REPUBLIKA.CO.ID, ANKARA - Ekonomi Afghanistan mungkin mengalami kontraksi hingga 30 persen tahun ini dengan penurunan impor, depresiasi, dan percepatan inflasi di Afghanistan, kata Dana Moneter Internasional (IMF) dalam sebuah laporan pada Selasa.
“Afghanistan telah mengalami banyak guncangan setelah kembalinya Taliban ke tampuk kekuasaan,” kata IMF dalam Laporan Ekonomi Regional untuk Timur Tengah dan Asia Tengah.
"Dengan dihentikannya bantuan non-kemanusiaan dan sebagian besar aset asing dibekukan, ekonomi Afghanistan yang bergantung pada bantuan menghadapi krisis fiskal dan neraca pembayaran yang parah. Kekurangan uang tunai dan hilangnya hubungan perbankan koresponden telah melumpuhkan bank-bank Afghanistan," tambah IMF.

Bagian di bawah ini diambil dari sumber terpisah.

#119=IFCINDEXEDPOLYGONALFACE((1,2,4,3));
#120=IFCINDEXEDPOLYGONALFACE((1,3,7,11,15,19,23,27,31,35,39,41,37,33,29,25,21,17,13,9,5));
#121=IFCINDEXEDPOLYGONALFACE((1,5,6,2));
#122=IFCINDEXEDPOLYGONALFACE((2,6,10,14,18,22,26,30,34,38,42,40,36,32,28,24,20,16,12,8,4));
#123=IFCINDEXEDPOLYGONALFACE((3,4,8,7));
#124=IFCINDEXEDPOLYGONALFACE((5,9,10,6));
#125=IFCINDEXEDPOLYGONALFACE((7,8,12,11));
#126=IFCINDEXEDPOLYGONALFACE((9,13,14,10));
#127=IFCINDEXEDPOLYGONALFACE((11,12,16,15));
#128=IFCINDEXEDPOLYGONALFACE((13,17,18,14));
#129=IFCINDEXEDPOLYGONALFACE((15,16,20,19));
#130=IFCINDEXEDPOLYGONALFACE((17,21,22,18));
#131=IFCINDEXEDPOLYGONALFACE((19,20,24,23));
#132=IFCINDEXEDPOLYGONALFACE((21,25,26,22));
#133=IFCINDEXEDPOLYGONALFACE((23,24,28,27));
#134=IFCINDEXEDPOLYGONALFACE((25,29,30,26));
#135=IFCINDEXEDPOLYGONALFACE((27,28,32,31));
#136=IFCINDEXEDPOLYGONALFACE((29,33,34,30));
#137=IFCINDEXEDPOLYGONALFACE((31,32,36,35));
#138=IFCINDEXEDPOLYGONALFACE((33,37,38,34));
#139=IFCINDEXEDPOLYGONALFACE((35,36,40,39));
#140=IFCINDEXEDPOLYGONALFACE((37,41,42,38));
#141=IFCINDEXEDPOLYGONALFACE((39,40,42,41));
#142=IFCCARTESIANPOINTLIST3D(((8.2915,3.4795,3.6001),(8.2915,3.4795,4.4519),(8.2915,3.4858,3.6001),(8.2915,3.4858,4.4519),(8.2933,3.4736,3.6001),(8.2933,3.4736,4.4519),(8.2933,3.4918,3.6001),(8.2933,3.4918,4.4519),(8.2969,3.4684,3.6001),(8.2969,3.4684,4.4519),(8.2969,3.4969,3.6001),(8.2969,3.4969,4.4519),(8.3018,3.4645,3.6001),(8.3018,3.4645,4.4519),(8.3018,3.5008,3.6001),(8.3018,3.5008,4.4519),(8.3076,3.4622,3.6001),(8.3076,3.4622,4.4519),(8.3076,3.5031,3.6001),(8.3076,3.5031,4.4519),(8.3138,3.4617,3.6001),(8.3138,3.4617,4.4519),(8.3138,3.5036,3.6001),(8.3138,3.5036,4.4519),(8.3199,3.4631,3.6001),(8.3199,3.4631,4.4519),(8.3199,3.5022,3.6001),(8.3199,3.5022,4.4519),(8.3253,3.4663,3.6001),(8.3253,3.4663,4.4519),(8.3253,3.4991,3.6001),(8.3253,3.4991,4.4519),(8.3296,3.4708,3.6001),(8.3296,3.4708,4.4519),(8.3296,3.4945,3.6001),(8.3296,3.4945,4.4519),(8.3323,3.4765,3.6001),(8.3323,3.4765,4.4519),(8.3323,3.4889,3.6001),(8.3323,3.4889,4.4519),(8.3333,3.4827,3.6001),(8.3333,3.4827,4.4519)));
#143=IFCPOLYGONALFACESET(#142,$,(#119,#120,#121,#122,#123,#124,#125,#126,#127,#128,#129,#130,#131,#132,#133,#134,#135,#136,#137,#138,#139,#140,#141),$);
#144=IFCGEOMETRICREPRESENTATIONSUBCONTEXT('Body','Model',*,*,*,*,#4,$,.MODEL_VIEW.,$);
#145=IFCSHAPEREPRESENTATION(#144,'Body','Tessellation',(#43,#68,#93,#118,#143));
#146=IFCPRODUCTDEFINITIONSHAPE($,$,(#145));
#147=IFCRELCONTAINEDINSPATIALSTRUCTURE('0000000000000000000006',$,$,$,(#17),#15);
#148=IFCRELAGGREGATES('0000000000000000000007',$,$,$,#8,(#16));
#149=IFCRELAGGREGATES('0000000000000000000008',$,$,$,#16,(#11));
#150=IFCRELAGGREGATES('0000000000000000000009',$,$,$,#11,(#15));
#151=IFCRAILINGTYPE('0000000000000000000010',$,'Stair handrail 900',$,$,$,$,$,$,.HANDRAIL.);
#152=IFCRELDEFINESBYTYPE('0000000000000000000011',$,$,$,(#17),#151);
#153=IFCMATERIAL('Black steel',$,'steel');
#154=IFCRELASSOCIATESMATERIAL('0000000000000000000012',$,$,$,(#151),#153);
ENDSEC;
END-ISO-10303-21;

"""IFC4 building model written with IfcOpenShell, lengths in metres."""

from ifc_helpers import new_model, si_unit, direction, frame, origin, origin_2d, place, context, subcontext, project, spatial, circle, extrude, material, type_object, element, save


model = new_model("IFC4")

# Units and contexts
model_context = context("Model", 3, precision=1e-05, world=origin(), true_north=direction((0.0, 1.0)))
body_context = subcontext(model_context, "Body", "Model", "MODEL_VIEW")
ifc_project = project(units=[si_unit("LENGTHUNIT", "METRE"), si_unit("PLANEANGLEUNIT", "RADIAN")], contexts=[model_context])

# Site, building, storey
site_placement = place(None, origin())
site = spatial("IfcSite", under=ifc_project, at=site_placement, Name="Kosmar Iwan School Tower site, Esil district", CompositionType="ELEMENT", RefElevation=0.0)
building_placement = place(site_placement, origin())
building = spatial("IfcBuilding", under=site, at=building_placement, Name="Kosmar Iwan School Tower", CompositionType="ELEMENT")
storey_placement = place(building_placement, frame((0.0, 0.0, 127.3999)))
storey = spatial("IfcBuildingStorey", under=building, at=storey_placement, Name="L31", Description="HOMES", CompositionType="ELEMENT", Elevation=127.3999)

Organisasi internasional itu mengatakan gejolak di Afghanistan, ditambah dengan pandemi dan kekeringan, telah mendorong ekonomi rapuh negara itu ke dalam krisis yang mencakup penurunan penghasilan, kelumpuhan bank, dan meningkatnya kemiskinan.

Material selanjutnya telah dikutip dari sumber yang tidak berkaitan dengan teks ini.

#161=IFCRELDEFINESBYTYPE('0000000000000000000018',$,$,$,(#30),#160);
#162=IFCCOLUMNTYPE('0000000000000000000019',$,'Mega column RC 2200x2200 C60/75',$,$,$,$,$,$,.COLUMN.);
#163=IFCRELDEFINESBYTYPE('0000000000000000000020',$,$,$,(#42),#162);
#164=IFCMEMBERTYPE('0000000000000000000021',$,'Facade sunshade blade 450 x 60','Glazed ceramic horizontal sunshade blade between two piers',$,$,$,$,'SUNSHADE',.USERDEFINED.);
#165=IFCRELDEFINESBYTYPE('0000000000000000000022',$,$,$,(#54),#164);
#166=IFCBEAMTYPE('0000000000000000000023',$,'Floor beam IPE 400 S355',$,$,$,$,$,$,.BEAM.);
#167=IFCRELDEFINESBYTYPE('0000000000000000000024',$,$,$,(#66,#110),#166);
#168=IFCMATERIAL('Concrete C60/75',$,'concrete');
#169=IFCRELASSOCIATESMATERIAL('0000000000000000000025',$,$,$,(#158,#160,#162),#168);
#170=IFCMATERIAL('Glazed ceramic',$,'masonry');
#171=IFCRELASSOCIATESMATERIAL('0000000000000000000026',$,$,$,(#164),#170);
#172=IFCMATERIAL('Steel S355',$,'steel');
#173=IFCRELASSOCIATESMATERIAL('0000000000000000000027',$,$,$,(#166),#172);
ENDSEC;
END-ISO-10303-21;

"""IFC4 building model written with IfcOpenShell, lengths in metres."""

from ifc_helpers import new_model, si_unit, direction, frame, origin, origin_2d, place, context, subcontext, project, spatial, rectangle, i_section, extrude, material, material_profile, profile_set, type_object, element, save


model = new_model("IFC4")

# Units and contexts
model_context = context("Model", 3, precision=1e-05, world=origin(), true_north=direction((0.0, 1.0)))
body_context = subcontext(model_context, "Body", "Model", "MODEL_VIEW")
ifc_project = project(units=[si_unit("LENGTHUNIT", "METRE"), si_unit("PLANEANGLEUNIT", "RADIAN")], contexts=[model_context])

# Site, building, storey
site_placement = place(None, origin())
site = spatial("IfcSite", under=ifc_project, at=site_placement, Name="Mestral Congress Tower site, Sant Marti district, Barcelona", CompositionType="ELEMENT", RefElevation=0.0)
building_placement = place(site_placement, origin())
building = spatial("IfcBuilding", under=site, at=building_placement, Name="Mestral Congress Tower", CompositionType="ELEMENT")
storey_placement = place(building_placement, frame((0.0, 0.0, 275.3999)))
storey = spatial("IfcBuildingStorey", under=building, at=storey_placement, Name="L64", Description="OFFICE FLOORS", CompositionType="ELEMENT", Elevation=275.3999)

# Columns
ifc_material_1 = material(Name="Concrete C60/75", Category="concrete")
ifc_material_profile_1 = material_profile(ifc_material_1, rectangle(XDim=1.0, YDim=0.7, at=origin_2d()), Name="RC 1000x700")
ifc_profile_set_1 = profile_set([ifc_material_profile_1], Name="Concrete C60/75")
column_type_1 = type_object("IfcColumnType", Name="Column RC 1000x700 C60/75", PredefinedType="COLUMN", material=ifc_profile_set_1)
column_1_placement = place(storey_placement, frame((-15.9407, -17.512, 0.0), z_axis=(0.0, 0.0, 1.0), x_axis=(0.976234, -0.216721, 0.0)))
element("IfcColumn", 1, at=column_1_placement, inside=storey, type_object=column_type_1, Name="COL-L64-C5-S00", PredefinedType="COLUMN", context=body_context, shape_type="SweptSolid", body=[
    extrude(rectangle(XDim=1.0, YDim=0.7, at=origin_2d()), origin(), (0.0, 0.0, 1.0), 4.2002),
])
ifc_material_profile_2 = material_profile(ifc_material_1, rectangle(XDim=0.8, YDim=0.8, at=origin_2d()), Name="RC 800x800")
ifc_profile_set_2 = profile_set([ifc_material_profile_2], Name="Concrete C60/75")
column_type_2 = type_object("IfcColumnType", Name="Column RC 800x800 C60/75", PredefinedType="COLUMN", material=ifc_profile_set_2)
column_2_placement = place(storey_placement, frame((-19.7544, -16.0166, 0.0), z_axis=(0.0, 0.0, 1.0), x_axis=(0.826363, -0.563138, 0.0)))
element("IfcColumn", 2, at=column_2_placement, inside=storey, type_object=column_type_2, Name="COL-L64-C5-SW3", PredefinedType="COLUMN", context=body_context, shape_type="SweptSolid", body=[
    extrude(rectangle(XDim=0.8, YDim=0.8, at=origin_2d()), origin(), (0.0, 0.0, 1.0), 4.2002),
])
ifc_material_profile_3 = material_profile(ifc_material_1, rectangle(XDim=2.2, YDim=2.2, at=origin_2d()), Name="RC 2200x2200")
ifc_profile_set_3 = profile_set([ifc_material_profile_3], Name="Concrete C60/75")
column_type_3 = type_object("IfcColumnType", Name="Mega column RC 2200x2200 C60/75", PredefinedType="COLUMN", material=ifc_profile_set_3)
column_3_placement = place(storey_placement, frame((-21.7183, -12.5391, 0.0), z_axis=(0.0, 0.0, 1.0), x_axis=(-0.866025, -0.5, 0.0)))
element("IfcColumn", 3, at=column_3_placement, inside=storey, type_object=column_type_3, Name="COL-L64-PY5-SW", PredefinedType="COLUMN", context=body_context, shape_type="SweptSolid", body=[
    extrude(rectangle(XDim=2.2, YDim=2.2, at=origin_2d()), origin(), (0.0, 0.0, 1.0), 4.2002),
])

IMF memperingatkan bahwa penurunan standar hidup mengancam jutaan orang jatuh ke dalam kemiskinan dan itu dapat menyebabkan krisis kemanusiaan.
"Gejolak di Afghanistan diperkirakan akan menghasilkan dampak ekonomi dan keamanan yang penting ke kawasan dan sekitarnya. Ini telah memicu migrasi internal dan dapat memicu lonjakan pengungsi ke negara-negara tetangga, Turki, dan Eropa," kata laporan tersebut.
IMF juga telah meningkatkan prospek pertumbuhannya untuk kawasan Timur Tengah dan Afrika Utara (MENA), yang sekarang diperkirakan akan meningkat 4,1 persen pada 2021 dan 2022 – masing-masing naik 0,1 dan 0,4 poin persentase, dari perkiraan sebelumnya yang dibuat pada April.
Lembaga ini memperkirakan inflasi di wilayah MENA naik menjadi rata-rata 12,9 persen tahun ini dan 8,8 persen tahun depan – juga masing-masing naik 0,1 dan 0,2 poin persentase, dari perkiraan pada April.